I really like the first one,  give it a minute and someone will be here saying its over cooked lol! 
My honest thoughts on HDR, well mine at least,  and your from looking at these,  is that it doesn't represent what you saw,  so much as what you felt when you were there, taking that photo, at that moment.


----------



## Buckster (Nov 12, 2012)

Derrel said:


> amolitor said:
> 
> 
> > Have you boys peed on one another enough, now? I'd prefer that the thread get back on track, to the original purpose of peeing all over OP and his photographs, if you don't mind.
> ...


None of that means that it shouldn't be created.
None of that means that the person making it won't enjoy the making of it or the viewing of it.
None of that means that it doesn't have appeal to a large audience.
None of that means that it doesn't have a market.
None of that means it has no worth.
None of that means it shouldn't be posted.
None of that means that it's *necessarily* junk, your opinion notwithstanding.

And, in the end, the same could be said for most, if not all, of the photos and photographers that post here: In a hundred years, how many will be in museums, or even remembered at all, let alone revered as "masterpieces"?  Will yours?  How do you find the brass to condemn others for not ending up in revered spots in museums when you'll fare no better?

"There is high art, collected by museums, and there is *kitsch*."  Okay...

You asked, so why don't you answer your own question: *WHO* will be studying *YOUR* images in a museum in a 100 years?  If the answer is "*NOBODY*", then I guess *you should stop making kitsch* and start doing something worthwhile yourself, instead of beating on others for not making the "museum in a 100 years" grade you've set out as the standard - a standard you yourself cannot attain.

Or am I wrong?  If so, where's your museum work?  You ran from the question the first time I asked and instead lashed out to hurl an insult at me because I dared to ask it.  You can do better than that.  Man up and just accept the facts: Your work isn't being protected by armed guards and security lasers at the Louvre either big boy, so climb down off your high horse for a minute or two, *kitsch-maker*.

Frankly, it's not my cup of tea either, but then, I didn't get disco either. Nonetheless, it was no skin off my nose if others wanted to make it, buy it, enjoy it, dance to it, OR EVEN if they want to put it in a museum someday.  Que sera, and all that...

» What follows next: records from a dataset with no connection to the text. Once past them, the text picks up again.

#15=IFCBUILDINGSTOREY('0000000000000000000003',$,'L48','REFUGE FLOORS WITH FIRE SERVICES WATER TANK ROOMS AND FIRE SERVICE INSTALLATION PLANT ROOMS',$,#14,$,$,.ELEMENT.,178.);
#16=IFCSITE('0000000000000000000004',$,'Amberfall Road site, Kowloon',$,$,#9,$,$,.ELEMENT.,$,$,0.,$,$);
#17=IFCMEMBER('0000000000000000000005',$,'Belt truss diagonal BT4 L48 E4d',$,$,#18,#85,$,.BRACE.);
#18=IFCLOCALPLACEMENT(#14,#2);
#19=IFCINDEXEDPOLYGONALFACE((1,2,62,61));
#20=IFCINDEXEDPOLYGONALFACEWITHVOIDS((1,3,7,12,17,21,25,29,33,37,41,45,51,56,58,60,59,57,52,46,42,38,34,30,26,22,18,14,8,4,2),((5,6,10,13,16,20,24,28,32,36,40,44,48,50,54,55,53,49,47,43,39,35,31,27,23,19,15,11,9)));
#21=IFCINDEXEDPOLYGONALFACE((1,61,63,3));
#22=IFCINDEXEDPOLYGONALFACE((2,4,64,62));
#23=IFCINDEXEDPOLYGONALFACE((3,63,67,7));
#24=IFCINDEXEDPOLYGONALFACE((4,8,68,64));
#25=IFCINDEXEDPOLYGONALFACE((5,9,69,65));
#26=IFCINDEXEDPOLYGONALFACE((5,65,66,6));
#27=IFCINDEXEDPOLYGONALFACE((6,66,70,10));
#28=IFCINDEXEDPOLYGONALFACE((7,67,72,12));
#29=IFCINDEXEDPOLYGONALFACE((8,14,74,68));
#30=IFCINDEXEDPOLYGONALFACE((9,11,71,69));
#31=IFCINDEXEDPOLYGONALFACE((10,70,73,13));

I still think you're a great voice here Derrel, and I think by now you know that I really do respect what you have to say on most issues, but your attempt to poo poo on this member, images, gear or techniques that you don't _*personally*_ find appealing or worthwhile is getting ridiculous, IMHO.

Chillax dude. Remember, in a hundred years, nobody will care and none of this will matter.


----------



## amolitor (Nov 12, 2012)

Why do people keep dragging out this fallacy of "If you're not DOING it, you can't COMMENT on it!"?


----------



## theraven (Nov 12, 2012)

Also,  I have a Sony a200. Feel free to **** all over me for that too!


----------



## bunny99123 (Nov 12, 2012)

I like some photos HDR, and others I don't, but that is only my opinion.  Opinions are like mouths...everyone has one.  Life is like that. 

I do agree that there are people who act rudely behind a keyboard that normally wouldn't behave that away if you met them in person.  "No one knows me, so I can be a jerk."  To those, you either put in your two cents or passs on by, because it is up to you to determine if it is worth your time.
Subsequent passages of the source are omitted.